На рассвете она открыла глаза, приподнявшись на локте, увидела себя голой, раскинувшей ноги поверх одеяла. Это было все, что она могла сделать. Теперь непослушное тело не желало шевелиться, Ольга откинулась на подушку и медленно провалилась в сон. Второе пробуждение было более неприятным, ей хотелось в туалет, а ноги подгибались, добираться пришлось на коленях, потом по стеночке поднялась, и наконец, увидела себя в зеркале.
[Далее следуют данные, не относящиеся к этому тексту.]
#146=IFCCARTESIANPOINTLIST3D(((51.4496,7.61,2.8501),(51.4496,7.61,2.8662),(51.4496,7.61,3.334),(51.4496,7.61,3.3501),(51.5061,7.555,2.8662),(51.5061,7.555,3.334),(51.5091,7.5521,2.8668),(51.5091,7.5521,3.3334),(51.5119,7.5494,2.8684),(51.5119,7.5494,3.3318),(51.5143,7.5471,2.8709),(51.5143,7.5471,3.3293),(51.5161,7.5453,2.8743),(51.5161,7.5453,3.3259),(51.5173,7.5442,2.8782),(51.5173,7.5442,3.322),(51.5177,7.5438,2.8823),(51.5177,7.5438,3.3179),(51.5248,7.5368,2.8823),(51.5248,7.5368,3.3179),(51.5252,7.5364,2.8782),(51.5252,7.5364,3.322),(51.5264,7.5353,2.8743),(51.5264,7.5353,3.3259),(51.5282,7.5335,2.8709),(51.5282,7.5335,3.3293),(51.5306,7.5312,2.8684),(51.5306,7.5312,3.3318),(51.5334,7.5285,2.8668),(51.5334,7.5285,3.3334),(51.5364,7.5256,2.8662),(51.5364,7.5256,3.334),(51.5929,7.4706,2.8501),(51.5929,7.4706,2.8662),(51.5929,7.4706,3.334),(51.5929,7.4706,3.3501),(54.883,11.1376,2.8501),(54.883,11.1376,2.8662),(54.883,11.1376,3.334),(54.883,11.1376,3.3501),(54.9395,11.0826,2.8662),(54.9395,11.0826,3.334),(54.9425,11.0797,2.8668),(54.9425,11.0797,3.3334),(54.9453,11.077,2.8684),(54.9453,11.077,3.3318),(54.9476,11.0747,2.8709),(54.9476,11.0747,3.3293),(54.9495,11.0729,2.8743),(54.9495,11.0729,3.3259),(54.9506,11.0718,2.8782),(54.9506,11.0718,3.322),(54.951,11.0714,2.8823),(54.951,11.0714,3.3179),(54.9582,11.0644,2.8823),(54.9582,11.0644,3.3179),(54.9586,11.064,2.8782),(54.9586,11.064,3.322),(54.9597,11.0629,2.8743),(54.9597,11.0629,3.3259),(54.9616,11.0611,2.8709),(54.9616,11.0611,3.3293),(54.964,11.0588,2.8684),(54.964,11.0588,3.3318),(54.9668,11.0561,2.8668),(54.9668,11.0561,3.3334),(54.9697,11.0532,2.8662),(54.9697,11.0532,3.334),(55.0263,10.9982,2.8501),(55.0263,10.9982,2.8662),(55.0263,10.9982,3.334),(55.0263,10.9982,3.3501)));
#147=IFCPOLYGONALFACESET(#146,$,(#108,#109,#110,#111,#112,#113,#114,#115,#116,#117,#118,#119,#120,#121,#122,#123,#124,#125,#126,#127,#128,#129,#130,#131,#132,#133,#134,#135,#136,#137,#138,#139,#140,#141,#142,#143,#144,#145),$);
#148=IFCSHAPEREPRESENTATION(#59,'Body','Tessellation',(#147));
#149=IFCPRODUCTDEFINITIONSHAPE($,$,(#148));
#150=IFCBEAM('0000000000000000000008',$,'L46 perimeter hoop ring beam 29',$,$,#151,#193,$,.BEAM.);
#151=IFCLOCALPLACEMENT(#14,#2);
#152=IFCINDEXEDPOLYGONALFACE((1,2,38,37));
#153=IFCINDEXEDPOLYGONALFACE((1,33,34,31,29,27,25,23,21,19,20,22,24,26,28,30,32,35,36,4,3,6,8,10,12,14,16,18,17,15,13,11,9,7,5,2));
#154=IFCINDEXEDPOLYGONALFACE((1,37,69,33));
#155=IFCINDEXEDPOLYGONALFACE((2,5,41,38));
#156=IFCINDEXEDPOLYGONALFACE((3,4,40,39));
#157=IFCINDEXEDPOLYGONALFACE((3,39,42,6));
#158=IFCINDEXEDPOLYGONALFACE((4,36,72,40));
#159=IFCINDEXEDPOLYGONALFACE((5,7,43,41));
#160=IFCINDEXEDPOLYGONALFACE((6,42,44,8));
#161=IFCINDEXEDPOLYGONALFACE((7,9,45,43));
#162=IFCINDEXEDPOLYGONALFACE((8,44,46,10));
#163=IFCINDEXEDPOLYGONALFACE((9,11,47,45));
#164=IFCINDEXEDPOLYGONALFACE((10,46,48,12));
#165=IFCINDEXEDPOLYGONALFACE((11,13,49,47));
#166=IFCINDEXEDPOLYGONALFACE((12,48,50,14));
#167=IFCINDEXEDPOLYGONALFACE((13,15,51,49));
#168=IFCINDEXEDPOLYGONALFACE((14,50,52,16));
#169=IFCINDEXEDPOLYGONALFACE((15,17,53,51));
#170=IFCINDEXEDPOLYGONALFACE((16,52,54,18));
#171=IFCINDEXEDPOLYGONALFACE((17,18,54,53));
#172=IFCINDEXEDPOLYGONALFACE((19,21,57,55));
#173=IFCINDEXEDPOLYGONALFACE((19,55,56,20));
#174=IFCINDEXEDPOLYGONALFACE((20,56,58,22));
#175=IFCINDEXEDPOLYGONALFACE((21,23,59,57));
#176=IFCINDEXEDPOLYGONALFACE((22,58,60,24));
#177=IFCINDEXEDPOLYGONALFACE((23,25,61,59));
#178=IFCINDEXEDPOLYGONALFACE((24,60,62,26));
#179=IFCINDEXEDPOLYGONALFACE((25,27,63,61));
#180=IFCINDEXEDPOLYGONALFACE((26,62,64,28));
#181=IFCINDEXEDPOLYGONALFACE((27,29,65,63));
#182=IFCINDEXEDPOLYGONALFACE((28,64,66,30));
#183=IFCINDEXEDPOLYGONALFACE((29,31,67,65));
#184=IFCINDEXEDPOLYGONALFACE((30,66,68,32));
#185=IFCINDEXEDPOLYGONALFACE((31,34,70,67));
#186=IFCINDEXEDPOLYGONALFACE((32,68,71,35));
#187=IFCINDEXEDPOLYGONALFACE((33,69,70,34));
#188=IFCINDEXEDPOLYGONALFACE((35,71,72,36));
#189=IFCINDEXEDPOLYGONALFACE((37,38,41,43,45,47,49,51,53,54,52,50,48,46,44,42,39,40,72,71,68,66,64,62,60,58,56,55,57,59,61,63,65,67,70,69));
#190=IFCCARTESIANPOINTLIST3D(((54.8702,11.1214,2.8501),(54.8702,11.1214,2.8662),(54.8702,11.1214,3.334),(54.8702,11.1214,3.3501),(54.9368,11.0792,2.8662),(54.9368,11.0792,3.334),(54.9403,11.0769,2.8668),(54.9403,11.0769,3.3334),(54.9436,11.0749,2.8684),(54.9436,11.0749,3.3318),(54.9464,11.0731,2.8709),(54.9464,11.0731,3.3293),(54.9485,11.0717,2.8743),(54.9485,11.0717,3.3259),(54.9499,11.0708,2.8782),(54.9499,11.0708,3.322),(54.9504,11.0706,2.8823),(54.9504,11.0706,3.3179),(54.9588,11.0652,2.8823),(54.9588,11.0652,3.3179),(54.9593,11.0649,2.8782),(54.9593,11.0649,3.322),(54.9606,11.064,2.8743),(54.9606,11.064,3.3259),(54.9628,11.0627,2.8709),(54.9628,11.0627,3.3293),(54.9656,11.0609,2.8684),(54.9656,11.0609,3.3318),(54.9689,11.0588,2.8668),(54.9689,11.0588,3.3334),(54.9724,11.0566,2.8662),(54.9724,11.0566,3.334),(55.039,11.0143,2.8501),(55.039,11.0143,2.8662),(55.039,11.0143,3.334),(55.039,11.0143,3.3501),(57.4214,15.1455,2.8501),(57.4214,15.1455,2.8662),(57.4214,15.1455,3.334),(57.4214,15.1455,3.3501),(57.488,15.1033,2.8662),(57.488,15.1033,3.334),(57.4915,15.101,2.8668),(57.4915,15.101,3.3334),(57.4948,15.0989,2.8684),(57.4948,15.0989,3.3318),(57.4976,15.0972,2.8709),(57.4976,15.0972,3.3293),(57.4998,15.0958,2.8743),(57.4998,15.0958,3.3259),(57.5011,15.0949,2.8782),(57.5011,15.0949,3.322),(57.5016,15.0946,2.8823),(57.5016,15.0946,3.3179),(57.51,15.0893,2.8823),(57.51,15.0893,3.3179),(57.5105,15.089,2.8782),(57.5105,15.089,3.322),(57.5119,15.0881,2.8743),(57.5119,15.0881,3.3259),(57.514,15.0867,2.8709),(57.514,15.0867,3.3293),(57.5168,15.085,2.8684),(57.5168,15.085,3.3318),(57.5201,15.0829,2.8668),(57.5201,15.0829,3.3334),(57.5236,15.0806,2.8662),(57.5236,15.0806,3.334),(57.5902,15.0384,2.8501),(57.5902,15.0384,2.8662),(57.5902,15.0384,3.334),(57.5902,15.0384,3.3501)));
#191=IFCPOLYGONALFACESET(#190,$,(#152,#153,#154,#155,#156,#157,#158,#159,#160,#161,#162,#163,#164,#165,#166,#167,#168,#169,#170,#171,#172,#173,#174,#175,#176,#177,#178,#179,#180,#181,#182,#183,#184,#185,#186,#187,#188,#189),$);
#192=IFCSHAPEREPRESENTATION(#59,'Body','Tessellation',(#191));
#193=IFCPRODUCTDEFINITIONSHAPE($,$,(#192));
Да! Картина маслом! По всей шее огромные кровоподтеки, ухо распухло и слегка кровоточило… к счастью зеркало было небольшое. Вздыхая и причитая, Ольга забралась в ванну и включила душ. Она чуть не заснула опять под теплыми струями воды, но набравшись сил, вылезла, завернулась в махровую простыню и опять легла в постель. Только к вечеру ей удалось немного прийти в себя, было около пяти и она позвонила Алевтине Георгиевне.
– Куда ты пропала? Я тебе звонила, но ты не отвечала!
– Я была дома, но никакого звонка не слышала. И у меня новости.
И Ольга рассказала, что Оливье с супругой в Улан-Баторе. Ее похвалили, и предложили не терять их из виду.
– Конечно, сделаю все, что смогу! – заученно ответила Ольга, потом потащилась на кухню, соорудила несколько бутербродов с консервированным гусиным паштетом, заварила крепкого чаю и в первый раз в этот день поела…
А ночью опять пришел Оливье, как-то легко отпер дверь и лег с ней. Конечно, она не спала, выспавшись за целый день, она видела, как он прижался к ней, стал вдыхать запах ее волос, распаляясь с каждой секундой. А ее предательское тело молчало, теперь оно не хотело ничего, Ольга с ужасом ждала безумных «ласк».